Pareceu, portanto, lógico pegar emprestado, como técnica, a escrita jornalística, com suas regras de concisão, ordem direta, muito pudor no uso de adjetivos, entre outras normas. Acho que o escritor exemplar desse estilo seria Rubem Fonseca, com um domínio exemplar sobretudo do uso do diálogo para fazer avançar a história. Assim, não há nenhuma surpresa que, por exemplo, a onda do Realismo Fantástico de nossos vizinhos latino-americanos, como Gabriel García Márquez, Julio Cortázar, Juan Rulfo e até mesmo um Vargas Llosa dos primeiros escritos não tenham influenciado mais fortemente os escritores dessas bandas.

A meu ver, lendo autores da presente geração, como Alberto Mussa, Paulo Pires e o próprio Moutinho, vejo que estamos em um novo momento. De modo geral, a ojeriza quanto a vanguardismos permanece, mas os novos escritores já não temem tanto salpicar seus enredos com figuras de linguagem, permitindo que um certo buquê de especiarias ressalte o sabor da história. Não vejo mais ninguém querendo ser um Rosa ou uma Clarice (até porque seria impossível), mas a atual geração tem soltado a voz muito consciente da importância da forma literária. Isso ocorre ainda com certo pudor, o que dá um tom sereno e “natural” a esses experimentos.

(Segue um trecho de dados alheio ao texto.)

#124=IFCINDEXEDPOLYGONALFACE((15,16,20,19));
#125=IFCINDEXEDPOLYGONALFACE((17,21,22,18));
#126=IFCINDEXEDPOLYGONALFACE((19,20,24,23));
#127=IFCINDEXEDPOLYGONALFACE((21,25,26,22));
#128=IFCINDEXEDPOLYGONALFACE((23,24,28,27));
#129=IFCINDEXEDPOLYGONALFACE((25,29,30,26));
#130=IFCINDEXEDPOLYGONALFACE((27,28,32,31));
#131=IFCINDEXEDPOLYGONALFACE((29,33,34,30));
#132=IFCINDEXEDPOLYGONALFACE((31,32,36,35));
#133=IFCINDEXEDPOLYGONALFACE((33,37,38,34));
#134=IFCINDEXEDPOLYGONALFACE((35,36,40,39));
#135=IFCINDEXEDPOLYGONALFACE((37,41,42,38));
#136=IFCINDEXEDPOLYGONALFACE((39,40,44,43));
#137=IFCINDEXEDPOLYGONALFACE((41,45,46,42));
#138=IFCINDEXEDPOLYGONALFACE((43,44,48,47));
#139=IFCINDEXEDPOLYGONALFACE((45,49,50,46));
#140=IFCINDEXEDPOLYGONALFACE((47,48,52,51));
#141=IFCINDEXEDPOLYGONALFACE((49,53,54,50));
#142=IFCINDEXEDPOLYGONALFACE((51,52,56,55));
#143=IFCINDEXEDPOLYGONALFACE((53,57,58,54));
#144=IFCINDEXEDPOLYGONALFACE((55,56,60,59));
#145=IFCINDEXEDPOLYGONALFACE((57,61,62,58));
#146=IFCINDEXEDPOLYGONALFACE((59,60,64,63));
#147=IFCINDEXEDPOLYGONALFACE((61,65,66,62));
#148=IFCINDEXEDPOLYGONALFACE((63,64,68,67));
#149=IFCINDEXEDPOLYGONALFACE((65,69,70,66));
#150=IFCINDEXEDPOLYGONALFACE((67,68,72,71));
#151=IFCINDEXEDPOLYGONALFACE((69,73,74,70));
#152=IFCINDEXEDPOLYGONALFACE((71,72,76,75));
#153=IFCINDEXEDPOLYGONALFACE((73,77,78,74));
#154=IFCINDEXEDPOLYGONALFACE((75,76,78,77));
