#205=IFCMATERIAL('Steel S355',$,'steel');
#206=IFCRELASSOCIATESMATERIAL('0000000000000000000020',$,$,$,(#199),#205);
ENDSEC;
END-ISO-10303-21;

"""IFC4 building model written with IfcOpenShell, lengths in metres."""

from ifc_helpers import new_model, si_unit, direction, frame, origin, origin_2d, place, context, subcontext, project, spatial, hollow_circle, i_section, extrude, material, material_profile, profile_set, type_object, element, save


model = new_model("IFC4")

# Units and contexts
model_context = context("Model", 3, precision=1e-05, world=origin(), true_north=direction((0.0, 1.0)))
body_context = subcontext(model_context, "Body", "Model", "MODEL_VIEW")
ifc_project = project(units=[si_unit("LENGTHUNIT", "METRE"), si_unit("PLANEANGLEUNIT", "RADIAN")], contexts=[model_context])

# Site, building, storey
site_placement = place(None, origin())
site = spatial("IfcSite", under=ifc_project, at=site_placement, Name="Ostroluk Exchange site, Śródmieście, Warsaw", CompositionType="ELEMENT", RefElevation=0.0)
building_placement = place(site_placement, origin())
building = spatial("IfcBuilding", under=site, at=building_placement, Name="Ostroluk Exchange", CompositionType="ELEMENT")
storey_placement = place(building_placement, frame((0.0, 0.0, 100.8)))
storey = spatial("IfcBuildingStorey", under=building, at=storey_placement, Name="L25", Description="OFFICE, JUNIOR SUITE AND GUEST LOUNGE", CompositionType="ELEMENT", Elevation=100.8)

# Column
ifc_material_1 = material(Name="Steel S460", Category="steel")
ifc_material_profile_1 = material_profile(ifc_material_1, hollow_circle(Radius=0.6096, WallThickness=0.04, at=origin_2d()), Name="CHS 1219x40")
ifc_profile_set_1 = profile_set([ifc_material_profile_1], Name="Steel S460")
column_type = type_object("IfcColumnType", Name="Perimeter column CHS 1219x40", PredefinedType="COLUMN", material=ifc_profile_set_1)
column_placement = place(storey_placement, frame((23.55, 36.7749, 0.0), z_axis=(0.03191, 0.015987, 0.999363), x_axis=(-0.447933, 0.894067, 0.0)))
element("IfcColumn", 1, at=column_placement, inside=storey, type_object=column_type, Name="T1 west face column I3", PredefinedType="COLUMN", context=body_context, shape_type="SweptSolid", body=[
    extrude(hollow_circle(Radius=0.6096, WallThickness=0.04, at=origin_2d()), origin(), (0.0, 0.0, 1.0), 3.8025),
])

E aqui voltamos, enfim, à Rua de Dentro. Lendo esses contos na esteira do livro anterior, Ferrugem, que prenunciava um amadurecimento que o livro atual veio a confirmar, vejo um equilíbrio entre forma e conteúdo. A maneira, por exemplo, como Xangô é evocado no conto Oxê, no desenho de uma jogada de futebol, que amarra por trás uma relação secreta entre o zagueiro e o segurança de estádio estreando numa partida da Seleção. Essa evocação tem a mesma força literária com que o aroma aconchegante do pão da padaria da esquina, em Um dia qualquer, reforça a sensação de contraste entre a frieza cartorial, símbolo da desigualdade social, mas sem precisar recorrer a uma descrição monográfica.

As histórias “triviais” de Moutinho, estórias de rua e do cotidiano da cidade, em que percebe-se o bom legado de um Nelson Rodrigues, ganham força com o uso dessas imagens e aromas sutis, essas espécies de “metáforas situacionais”, como se pode ver no contraste entre uma reunião de confraternização dos colegas de firma e um encontro fortuito no táxi; ou a menina adolescente constrangida, ao ser pega numa situação fetichista, no sentido psicanalítico. Em Retrós e Linhas, vemos o escritor colocar a costureira diante do desafio de fazer seu primeiro vestido de casamento, e assim amarrar uma prosa de erotismo refinado. O estilo de Moutinho aparece ainda de outras formas, como no fim abrupto do último conto, Vanessa, reforçando visceralmente o desfecho, o que é um excelente exemplo da boa mescla de forma e conteúdo e sinal da maturidade do escritor.

A originalidade de Moutinho, a meu ver, está na maneira sutil com que ele amarra forma e conteúdo, permitindo que o leitor, no mesmo conto, leia uma história, sem prejuízo de “sentir” uma outra, esta, em geral, ainda mais profunda.